The burden of collecting the tax from the employees is shifted from the Government to the employer. Every year, the Central Board of Direct Taxes comes out with a circular explaining the various provisions relating to the deduction of tax at source from salaries.
The last Circular No. 798, dated October 30, 2000 [246 ITR 68 (St.)], enumerates the provisions relating to deduction of tax at source from salaries for the financial year 2000-2001. Tax Talk, for the benefit of employees and drawing and disbursing officers, explains some of the more important provisions set out in the circular.
Scheme of deduction
Every person who is responsible for paying any sum, which is chargeable to tax under the head `Salaries', is liable to deduct tax at the time of payment of such salary. Tax is to be calculated at the appropriate rates and is to be deducted in 12 equal instalments over the year. No tax will, however be deducted at source unless the estimated salary income including the value of perquisites for the financial year exceeds Rs 50,000 (after standard deduction).

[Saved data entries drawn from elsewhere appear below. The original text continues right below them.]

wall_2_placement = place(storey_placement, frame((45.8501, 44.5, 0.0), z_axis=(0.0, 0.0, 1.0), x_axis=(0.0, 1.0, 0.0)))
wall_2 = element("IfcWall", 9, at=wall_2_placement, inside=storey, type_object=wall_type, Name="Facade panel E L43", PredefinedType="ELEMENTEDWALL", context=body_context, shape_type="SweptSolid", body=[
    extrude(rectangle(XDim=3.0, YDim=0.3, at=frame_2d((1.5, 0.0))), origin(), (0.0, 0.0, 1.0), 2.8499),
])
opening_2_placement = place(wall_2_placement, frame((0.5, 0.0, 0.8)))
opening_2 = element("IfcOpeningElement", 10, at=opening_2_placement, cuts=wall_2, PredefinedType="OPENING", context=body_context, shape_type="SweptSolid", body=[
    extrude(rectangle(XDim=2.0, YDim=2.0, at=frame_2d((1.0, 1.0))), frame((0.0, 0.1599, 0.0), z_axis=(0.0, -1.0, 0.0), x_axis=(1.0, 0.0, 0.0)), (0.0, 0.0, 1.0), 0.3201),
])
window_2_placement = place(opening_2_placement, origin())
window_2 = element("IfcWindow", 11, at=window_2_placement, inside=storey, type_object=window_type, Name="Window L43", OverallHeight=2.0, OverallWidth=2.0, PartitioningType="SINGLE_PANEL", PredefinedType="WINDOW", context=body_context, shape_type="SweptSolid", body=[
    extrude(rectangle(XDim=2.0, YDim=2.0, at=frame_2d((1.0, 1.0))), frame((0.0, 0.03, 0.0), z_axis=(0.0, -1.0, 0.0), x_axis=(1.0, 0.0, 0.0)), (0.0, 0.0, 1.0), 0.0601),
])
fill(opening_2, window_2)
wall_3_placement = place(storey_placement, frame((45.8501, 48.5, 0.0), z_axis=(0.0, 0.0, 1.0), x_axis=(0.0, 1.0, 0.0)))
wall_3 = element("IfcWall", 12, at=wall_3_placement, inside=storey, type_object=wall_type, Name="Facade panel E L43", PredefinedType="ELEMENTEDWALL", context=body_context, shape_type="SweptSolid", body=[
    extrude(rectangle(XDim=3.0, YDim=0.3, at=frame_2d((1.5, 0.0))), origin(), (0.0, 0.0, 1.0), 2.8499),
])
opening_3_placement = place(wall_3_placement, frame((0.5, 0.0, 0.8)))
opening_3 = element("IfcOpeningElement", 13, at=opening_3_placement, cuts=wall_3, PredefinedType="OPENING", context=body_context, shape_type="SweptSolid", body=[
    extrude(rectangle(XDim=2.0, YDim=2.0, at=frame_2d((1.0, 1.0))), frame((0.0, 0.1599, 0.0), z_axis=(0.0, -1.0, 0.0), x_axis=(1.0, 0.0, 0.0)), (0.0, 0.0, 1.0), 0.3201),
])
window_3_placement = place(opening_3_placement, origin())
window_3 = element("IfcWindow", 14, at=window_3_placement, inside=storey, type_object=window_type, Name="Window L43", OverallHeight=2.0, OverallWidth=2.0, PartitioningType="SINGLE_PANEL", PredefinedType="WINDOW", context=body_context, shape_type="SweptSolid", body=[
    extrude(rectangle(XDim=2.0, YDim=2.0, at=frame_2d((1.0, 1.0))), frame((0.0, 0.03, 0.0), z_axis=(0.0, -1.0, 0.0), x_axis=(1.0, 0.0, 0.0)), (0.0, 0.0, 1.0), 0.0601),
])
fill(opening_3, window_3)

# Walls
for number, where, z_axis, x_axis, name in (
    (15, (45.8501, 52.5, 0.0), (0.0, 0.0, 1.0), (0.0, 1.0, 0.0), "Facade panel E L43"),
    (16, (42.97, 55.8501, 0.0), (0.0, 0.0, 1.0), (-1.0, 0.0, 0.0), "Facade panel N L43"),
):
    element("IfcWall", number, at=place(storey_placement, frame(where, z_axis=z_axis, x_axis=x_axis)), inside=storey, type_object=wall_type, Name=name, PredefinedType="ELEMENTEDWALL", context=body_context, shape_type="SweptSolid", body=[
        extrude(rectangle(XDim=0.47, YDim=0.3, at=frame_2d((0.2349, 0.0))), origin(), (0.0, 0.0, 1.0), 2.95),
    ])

If an individual is working under more than one employer, or has changed from one employer to another, the employer of the employee's choice shall deduct tax from the aggregate salary including the salary from the previous or other employer. The employee, in such cases, shall furnish to the present or chosen employer, the particulars relating to his salary income and the tax deducted if any by the previous or other employer.
The employee may furnish particulars of income under any other head to the employer in Form 12C. However, such income shall not be a loss under any head except a loss under the head `Income from House Property' for the same financial year.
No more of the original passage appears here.